The Taylor series for cos(x) about \(\displaystyle \frac{\pi}{4}\) is:

\(\displaystyle \L\\cos(\frac{{\pi}}{4})-sin(\frac{{\pi}}{4})(x-\frac{{\pi}}{4})-\frac{cos(\frac{{\pi}}{4})}{2!}(x-\frac{{\pi}}{4})^{2}+\frac{sin(\frac{{\pi}}{4})}{3!}(x-\frac{{\pi}}{4})^{3}+........\)

\(\displaystyle \L\\=\frac{1}{\sqrt{2}}-\frac{1}{\sqrt{2}}(x-\frac{{\pi}}{4})-\frac{\sqrt{2}}{4}(x-\frac{{\pi}}{4})^{2}+\frac{\sqrt{2}}{12}(x-\frac{{\pi}}{4})^{3}+.........\)

This series will converge to cos(x) if \(\displaystyle R_{n}(x)\) approaches 0 as n approaches 0.

Since \(\displaystyle f^{n+1}(x)\) is either \(\displaystyle \pm\sin(x)\) or \(\displaystyle \pm\cos(x)\), then \(\displaystyle R_{n}(x)\) approaches 0 as n approaches infinity for all x.

So, we have the limit:

\(\displaystyle \L\\\lim_{n\to\infty}\frac{|x-a|}{(n+1)!}=0\), so \(\displaystyle R_{n}(x)\) approaches 0 for all x.

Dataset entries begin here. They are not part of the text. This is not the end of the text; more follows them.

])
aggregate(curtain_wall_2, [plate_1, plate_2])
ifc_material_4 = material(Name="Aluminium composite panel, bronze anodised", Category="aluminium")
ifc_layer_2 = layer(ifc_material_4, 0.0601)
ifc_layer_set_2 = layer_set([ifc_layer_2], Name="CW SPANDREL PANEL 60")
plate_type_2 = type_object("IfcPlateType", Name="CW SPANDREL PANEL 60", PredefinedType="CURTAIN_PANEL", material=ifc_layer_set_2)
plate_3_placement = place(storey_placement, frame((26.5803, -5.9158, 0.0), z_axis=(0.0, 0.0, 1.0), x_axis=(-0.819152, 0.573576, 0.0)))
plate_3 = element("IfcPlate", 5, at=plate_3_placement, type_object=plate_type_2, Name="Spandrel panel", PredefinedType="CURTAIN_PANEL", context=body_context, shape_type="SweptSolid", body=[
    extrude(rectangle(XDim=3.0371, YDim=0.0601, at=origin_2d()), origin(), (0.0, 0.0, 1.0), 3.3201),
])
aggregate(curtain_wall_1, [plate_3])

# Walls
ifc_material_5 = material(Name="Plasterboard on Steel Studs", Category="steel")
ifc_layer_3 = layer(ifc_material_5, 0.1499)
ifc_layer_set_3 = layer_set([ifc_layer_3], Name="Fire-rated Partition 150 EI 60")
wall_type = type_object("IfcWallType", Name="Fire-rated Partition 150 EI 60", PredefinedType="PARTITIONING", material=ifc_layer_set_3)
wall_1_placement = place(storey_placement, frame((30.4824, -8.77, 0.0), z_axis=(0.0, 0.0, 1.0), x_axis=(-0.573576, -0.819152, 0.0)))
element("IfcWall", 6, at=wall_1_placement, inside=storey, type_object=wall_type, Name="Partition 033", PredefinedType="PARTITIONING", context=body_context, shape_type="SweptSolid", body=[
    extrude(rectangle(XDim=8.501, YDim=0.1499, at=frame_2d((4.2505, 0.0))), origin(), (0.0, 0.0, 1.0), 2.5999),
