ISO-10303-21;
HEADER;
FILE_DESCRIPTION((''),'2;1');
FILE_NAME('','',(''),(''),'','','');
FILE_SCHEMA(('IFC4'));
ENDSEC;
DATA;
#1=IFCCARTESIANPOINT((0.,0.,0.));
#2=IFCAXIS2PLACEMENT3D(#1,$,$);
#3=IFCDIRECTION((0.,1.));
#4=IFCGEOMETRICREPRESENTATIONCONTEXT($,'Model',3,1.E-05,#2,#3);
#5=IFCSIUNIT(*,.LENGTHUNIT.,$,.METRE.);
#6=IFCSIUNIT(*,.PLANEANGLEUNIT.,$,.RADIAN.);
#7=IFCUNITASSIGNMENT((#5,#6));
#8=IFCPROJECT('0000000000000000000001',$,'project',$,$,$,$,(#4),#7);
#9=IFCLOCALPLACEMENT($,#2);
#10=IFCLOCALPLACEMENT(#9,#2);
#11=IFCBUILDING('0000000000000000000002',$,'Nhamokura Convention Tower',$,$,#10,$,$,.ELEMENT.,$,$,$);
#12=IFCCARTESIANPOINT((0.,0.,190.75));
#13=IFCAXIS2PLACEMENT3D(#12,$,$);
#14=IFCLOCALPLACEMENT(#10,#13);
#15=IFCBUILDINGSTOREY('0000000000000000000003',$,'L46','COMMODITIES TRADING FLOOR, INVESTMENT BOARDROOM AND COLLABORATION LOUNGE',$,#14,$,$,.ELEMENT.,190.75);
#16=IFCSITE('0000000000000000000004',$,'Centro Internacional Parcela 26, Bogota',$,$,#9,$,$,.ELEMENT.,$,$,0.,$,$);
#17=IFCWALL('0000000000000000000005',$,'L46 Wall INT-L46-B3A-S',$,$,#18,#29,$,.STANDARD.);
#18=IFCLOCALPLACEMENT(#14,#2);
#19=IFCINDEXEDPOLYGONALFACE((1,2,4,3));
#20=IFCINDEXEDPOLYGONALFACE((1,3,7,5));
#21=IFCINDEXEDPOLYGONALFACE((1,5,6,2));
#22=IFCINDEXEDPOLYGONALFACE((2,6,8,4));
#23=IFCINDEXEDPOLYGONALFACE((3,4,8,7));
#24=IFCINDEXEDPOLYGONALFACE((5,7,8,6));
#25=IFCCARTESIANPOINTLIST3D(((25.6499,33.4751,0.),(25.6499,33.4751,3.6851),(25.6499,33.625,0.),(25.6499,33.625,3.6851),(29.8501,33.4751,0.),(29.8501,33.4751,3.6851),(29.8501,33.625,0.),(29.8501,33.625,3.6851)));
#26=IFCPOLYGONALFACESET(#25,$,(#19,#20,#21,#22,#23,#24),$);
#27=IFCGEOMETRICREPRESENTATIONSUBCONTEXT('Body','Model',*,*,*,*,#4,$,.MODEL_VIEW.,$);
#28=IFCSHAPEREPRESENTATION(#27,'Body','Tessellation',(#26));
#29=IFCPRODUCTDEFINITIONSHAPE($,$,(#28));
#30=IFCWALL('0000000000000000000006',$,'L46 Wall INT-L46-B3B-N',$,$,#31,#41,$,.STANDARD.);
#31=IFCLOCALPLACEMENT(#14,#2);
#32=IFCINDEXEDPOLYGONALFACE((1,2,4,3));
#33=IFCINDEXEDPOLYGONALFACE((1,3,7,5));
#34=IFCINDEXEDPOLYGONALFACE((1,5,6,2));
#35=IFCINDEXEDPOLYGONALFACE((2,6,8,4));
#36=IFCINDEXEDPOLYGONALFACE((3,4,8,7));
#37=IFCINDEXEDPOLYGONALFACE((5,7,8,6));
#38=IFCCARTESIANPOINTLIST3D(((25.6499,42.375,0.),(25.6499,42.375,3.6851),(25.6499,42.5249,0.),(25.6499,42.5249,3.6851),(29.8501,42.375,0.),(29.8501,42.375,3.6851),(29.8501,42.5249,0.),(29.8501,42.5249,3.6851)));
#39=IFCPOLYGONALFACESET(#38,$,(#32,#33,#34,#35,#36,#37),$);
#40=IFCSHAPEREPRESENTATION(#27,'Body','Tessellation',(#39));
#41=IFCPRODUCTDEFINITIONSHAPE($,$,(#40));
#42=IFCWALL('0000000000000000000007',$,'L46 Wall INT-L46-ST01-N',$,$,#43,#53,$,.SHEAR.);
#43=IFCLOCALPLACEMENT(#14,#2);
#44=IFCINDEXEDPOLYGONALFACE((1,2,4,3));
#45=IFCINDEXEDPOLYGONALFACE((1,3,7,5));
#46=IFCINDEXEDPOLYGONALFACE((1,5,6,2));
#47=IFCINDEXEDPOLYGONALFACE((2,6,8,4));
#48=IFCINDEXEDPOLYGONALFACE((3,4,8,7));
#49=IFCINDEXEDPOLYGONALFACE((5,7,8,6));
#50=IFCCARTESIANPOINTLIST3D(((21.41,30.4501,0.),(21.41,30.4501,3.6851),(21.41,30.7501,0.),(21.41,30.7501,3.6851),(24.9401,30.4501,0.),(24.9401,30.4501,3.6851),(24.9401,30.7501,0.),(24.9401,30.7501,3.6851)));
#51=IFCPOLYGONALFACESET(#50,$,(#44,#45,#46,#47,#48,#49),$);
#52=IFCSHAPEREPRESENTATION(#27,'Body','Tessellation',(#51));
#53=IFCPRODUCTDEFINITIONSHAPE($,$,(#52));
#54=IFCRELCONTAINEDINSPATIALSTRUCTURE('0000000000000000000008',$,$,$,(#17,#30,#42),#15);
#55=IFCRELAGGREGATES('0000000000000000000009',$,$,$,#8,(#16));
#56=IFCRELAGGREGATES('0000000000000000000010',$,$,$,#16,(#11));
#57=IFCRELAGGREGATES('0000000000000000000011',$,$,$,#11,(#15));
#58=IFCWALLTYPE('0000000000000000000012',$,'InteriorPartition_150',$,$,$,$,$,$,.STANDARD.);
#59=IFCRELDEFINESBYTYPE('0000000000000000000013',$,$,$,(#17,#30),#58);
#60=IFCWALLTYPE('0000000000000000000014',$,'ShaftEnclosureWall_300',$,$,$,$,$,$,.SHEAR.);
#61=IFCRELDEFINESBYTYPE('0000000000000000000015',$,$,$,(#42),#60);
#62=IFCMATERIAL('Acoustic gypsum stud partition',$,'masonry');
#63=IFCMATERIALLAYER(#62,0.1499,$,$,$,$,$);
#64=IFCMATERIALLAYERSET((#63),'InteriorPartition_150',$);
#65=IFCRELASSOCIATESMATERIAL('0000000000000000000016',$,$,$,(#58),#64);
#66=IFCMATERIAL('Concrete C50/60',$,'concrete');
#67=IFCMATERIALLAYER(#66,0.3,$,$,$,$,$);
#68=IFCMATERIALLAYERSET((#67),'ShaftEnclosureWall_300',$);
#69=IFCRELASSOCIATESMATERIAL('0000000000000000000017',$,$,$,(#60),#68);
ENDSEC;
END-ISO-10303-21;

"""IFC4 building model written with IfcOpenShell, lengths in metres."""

from ifc_helpers import new_model, si_unit, direction, frame, frame_2d, origin, place, context, subcontext, project, spatial, rectangle, extrude, material, layer, layer_set, type_object, element, save


model = new_model("IFC4")

# Units and contexts
model_context = context("Model", 3, precision=1e-05, world=origin(), true_north=direction((0.0, 1.0)))
body_context = subcontext(model_context, "Body", "Model", "MODEL_VIEW")
ifc_project = project(units=[si_unit("LENGTHUNIT", "METRE"), si_unit("PLANEANGLEUNIT", "RADIAN")], contexts=[model_context])

# Site, building, storey
site_placement = place(None, origin())
site = spatial("IfcSite", under=ifc_project, at=site_placement, Name="Centro Internacional Parcela 26, Bogota", CompositionType="ELEMENT", RefElevation=0.0)
building_placement = place(site_placement, origin())
building = spatial("IfcBuilding", under=site, at=building_placement, Name="Nhamokura Convention Tower", CompositionType="ELEMENT")
storey_placement = place(building_placement, frame((0.0, 0.0, 190.75)))
storey = spatial("IfcBuildingStorey", under=building, at=storey_placement, Name="L46", Description="COMMODITIES TRADING FLOOR, INVESTMENT BOARDROOM AND COLLABORATION LOUNGE", CompositionType="ELEMENT", Elevation=190.75)

# Walls
ifc_material_1 = material(Name="Acoustic gypsum stud partition", Category="masonry")
ifc_layer_1 = layer(ifc_material_1, 0.1499)
ifc_layer_set_1 = layer_set([ifc_layer_1], Name="InteriorPartition_150")
wall_type_1 = type_object("IfcWallType", Name="InteriorPartition_150", PredefinedType="STANDARD", material=ifc_layer_set_1)
for number, where, z_axis, x_axis, name in (
    (1, (25.6499, 33.55, 0.0), (0.0, 0.0, 1.0), (1.0, 0.0, 0.0), "L46 Wall INT-L46-B3A-S"),
    (2, (25.6499, 42.45, 0.0), (0.0, 0.0, 1.0), (1.0, 0.0, 0.0), "L46 Wall INT-L46-B3B-N"),
):
    element("IfcWall", number, at=place(storey_placement, frame(where, z_axis=z_axis, x_axis=x_axis)), inside=storey, type_object=wall_type_1, Name=name, PredefinedType="STANDARD", context=body_context, shape_type="SweptSolid", body=[
        extrude(rectangle(XDim=4.2002, YDim=0.1499, at=frame_2d((2.1001, 0.0))), origin(), (0.0, 0.0, 1.0), 3.6851),
    ])
ifc_material_2 = material(Name="Concrete C50/60", Category="concrete")
ifc_layer_2 = layer(ifc_material_2, 0.3)
ifc_layer_set_2 = layer_set([ifc_layer_2], Name="ShaftEnclosureWall_300")
wall_type_2 = type_object("IfcWallType", Name="ShaftEnclosureWall_300", PredefinedType="SHEAR", material=ifc_layer_set_2)
wall_1_placement = place(storey_placement, frame((21.4099, 30.6001, 0.0), z_axis=(0.0, 0.0, 1.0), x_axis=(1.0, 0.0, 0.0)))
element("IfcWall", 3, at=wall_1_placement, inside=storey, type_object=wall_type_2, Name="L46 Wall INT-L46-ST01-N", PredefinedType="SHEAR", context=body_context, shape_type="SweptSolid", body=[
    extrude(rectangle(XDim=3.53, YDim=0.3, at=frame_2d((1.7651, 0.0))), origin(), (0.0, 0.0, 1.0), 3.6851),
])

save(model, "model.ifc")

What Taylor does is give us a polynomial that approximates f(x) for all x very near a. The closer x is to a, the better the approximation.

If x=a, in your case (pi/4), then you arrive at \(\displaystyle \frac{1}{\sqrt{2}\)

which equals \(\displaystyle cos(\frac{\pi}{4})\)

Let x equal, say, \(\displaystyle \frac{23\pi}{90}\)(46 degrees).

\(\displaystyle \L\\cos(\frac{\pi}{4})-sin(\frac{\pi}{4})(\frac{\pi}{180})-\frac{cos({\frac{\pi}{4}})}{2!}(\frac{\pi}{180})^{2}+\frac{sin(\frac{\pi}{4})}{3!}(\frac{\pi}{180})^{3}+......\)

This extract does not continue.